A PHASE III, MULTICENTER, RANDOMIZED, DOUBLE-MASKED, ACTIVE COMPARATOR-CONTROLLED STUDY TO EVALUATE THE EFFICACY AND SAFETY OF FARICIMAB IN PATIENTS WITH NEOVASCULAR AGE-RELATED MACULAR DEGENERATION (TENAYA)

Currently available and approved injection-based treatments for nAMD, such as
aflibercept, only target VEGF. These medications can improve outcomes in
patients with nAMD, but frequent treatments are required and not everyone
responds to treatment. Studies have shown that Ang-2 may also play an
important role in nAMD. Therefore, for some patients, blocking both VEGF and
Ang-2 may be more effective and may also allow for treatments to be given less
frequently.

The purpose of this study is to investigate the efficacy, safety, durability,
and pharmacokinetics of faricimab administered at up to 16-week intervals to
treatment-naive patients with nAMD.

Approximately 640 patients will be enrolled globally and randomized in a 1:1
ratio to one
of two treatment arms:
* Group 1 will receive faricimab, given as an injection in the study eye every
4 weeks for the first 4 injections and then every 8, 12, or 16 weeks for 2
years. The frequency of injections in the first year will be decided on the
basis of the condition of the study eye at Weeks 20 and 24. In Year 2, the
frequency of injections may be changed based on the condition of the eye, but
injections will still be given every 8, 12, or 16 weeks.
* Group 2 will receive aflibercept given as an injection in the study eye every
4 weeks for the first 3 injections and then every 8 weeks for 2 years.

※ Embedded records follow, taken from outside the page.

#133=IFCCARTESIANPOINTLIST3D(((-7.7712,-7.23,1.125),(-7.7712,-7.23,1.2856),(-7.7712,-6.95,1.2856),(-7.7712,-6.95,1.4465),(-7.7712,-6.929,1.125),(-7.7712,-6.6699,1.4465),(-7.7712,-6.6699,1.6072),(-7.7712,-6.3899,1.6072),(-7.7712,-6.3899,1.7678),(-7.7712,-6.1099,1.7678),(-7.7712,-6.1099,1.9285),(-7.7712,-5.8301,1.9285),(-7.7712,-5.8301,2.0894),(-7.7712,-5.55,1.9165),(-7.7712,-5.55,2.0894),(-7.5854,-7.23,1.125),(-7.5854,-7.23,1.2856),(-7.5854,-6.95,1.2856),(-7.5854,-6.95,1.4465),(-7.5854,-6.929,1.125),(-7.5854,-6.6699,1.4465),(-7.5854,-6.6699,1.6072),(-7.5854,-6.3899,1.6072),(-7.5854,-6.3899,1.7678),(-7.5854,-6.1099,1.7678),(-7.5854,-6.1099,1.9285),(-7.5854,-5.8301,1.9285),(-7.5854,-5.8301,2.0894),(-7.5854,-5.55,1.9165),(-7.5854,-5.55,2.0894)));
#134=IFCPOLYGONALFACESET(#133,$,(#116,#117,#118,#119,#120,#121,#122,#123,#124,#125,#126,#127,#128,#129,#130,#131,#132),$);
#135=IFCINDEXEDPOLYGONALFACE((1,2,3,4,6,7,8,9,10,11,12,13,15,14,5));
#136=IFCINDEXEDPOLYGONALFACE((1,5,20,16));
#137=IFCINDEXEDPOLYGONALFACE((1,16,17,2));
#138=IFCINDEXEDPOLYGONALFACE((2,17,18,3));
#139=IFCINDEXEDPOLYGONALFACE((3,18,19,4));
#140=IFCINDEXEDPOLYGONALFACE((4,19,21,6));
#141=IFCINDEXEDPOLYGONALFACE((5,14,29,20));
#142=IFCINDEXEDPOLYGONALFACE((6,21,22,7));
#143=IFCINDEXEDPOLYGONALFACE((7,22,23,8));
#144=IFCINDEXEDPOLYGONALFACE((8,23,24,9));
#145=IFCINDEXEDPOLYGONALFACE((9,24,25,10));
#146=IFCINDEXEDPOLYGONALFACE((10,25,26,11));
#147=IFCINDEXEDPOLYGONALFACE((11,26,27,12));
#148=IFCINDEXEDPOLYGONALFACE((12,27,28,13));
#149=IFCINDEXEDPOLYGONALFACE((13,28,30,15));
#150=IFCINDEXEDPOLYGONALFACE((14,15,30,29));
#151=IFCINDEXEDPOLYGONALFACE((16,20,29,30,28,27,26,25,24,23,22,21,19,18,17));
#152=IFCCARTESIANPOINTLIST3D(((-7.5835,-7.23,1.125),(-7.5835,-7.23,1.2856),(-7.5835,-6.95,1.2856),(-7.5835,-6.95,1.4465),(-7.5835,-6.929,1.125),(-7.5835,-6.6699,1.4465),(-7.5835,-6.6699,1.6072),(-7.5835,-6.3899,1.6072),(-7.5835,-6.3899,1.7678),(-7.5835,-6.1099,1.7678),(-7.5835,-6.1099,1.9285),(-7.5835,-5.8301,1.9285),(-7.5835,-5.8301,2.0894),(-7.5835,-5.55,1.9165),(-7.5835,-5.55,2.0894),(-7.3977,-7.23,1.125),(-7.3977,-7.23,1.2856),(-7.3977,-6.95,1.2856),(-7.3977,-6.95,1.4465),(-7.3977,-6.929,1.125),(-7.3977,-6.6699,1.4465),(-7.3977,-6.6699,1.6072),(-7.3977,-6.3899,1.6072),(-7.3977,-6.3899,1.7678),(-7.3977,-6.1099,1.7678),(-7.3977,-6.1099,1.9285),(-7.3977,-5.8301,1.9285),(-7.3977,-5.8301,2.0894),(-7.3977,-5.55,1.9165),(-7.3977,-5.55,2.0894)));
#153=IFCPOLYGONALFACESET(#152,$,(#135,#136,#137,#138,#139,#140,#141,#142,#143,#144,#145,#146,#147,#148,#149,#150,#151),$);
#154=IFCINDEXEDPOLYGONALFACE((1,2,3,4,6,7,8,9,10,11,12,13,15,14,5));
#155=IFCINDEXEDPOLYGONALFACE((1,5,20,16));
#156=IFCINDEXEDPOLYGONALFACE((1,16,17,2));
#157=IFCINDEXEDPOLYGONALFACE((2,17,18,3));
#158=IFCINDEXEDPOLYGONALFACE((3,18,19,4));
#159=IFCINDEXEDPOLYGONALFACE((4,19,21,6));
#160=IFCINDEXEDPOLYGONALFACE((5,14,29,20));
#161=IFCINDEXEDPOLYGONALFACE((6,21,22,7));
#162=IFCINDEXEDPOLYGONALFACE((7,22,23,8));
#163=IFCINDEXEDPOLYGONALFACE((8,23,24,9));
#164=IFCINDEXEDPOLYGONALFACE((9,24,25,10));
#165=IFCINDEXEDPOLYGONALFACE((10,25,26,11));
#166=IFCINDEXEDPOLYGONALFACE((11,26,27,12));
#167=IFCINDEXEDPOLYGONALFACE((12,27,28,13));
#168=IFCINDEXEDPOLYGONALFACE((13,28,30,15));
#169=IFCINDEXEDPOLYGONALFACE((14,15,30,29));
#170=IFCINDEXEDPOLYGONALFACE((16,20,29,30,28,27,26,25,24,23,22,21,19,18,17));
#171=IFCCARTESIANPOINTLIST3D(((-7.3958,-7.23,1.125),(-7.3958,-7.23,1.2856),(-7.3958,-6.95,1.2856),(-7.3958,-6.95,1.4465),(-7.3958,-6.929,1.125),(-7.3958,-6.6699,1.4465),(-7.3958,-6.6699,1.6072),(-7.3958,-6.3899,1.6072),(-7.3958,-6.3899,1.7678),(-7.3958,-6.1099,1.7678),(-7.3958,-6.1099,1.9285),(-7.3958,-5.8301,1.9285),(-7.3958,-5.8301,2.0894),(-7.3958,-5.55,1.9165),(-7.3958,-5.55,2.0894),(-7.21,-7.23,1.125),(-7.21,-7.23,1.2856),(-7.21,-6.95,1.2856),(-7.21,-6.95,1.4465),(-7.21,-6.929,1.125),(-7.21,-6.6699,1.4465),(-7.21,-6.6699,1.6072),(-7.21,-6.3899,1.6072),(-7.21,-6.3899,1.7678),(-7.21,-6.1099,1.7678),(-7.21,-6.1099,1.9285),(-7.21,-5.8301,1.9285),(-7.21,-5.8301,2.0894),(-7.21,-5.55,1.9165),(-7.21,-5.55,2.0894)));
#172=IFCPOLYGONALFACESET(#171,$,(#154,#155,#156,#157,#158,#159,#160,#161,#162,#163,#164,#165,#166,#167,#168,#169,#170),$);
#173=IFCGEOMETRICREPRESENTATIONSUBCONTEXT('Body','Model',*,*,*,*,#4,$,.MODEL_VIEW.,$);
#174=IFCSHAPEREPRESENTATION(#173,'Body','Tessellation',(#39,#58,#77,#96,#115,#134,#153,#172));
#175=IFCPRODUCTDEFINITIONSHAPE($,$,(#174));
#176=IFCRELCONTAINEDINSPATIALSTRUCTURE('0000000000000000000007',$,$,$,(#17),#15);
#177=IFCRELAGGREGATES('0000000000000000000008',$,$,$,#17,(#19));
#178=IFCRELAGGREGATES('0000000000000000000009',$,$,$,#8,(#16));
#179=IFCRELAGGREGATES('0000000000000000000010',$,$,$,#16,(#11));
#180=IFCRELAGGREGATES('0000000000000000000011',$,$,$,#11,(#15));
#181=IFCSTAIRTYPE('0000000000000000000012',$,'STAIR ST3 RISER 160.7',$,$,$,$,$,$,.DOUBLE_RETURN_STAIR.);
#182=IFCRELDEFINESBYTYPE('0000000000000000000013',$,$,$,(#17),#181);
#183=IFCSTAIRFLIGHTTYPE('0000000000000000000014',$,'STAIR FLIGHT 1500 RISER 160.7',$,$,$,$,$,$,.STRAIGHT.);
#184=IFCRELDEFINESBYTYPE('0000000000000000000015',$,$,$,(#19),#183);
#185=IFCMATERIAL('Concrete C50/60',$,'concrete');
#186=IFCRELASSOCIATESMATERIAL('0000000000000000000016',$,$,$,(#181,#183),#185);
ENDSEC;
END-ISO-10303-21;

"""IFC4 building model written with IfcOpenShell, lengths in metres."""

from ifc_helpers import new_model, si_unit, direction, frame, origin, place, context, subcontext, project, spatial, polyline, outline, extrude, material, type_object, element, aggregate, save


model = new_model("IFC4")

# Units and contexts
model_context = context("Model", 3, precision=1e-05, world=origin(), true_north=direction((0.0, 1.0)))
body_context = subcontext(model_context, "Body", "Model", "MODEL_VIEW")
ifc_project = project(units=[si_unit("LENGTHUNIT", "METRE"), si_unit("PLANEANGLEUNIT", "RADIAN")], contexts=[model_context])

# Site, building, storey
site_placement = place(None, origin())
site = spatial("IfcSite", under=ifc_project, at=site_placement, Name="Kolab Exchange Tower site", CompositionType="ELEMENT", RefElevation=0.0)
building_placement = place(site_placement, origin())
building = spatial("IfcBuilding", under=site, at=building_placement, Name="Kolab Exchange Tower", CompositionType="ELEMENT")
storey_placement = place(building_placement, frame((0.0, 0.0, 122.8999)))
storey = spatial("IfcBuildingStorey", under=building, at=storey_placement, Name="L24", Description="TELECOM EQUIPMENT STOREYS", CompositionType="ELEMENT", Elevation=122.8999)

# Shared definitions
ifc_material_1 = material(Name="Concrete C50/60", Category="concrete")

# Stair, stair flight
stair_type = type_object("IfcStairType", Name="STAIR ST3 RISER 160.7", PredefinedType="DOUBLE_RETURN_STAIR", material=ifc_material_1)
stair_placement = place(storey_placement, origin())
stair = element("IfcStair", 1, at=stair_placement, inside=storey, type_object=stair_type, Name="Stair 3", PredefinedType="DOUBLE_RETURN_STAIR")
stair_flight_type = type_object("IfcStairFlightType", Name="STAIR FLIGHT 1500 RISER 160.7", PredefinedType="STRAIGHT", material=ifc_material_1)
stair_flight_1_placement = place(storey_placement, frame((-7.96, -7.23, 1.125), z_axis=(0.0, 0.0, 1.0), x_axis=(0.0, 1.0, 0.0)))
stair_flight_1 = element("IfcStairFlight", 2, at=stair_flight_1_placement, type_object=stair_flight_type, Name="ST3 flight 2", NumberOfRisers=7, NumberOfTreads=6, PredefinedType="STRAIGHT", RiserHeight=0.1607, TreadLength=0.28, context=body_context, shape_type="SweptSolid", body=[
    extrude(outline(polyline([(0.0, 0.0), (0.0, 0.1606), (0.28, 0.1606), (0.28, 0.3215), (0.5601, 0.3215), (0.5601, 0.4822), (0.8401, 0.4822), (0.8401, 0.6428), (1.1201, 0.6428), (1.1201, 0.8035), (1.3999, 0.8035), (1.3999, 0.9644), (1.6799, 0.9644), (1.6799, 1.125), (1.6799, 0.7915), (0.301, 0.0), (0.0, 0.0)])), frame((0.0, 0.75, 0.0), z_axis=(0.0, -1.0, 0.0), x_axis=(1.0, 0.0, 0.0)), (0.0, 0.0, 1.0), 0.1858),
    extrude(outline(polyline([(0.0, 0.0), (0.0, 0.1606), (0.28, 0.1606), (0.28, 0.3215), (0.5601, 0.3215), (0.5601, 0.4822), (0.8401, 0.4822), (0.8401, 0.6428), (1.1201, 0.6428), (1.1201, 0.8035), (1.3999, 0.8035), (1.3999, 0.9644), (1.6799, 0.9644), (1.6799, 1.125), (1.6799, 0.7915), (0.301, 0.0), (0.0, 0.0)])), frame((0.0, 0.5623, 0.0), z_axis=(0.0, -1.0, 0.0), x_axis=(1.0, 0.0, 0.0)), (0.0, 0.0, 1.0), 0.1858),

Patients in both treatment arms will complete scheduled study visits Q4W for
the entire study duration (112 weeks). A sham procedure will be administered to
patients in both treatment arms at study visits with no study treatment
administration to maintain masking among treatment arms

Patietns taking part in the study will be treated with faricimab or aflibercept
every 4 weeks, with possible sham injections

Patients will have to come to the research center every 4 weeks for treatment
or sham treatment. This is a higher number of visits and injections, or sham
injections than standard care. This is necessary to maintain the blinding
between different treatment periods. Roche offers a taxi service to bring the
patients to and from home.

The combined evidence from the Phase II studies BP29647 and CR39521 indicates
that the 6-mg dose of faricimab can be administered to patients with nAMD at
various treatment intervals (Q4W, Q8W, Q12W, and Q16W) to deliver similar
efficacy compared with 0.5 mg of ranibizumab Q4W, and importantly, has the
potential to be given at substantially less-frequent treatment intervals (up to
Q16W), while still achieving comparable visual (BCVA) and anatomic (OCT)
outcomes. Based on the totality of evidence from the Phase I and Phase II
studies, and taking into account evidence from the murine and non-human primate
preclinical and toxicology models, it is anticipated that the additional
anti*Ang-2 mechanism of action of the faricimab molecule will not negatively
impact the safety profile compared with IVT anti-VEGF monotherapy, while
less-frequent dosing may offer a more favorable benefit*risk profile.

Taken together, data from nonclinical, Phase I and Phase II studies, as well as
the clear unmet need for less-frequent dosing in nAMD, support the positive
benefit*risk assessment for the initiation of this Phase III study to assess
the efficacy, safety, durability, and pharmacokinetics of faricimab
administered up to Q16W to patients with nAMD.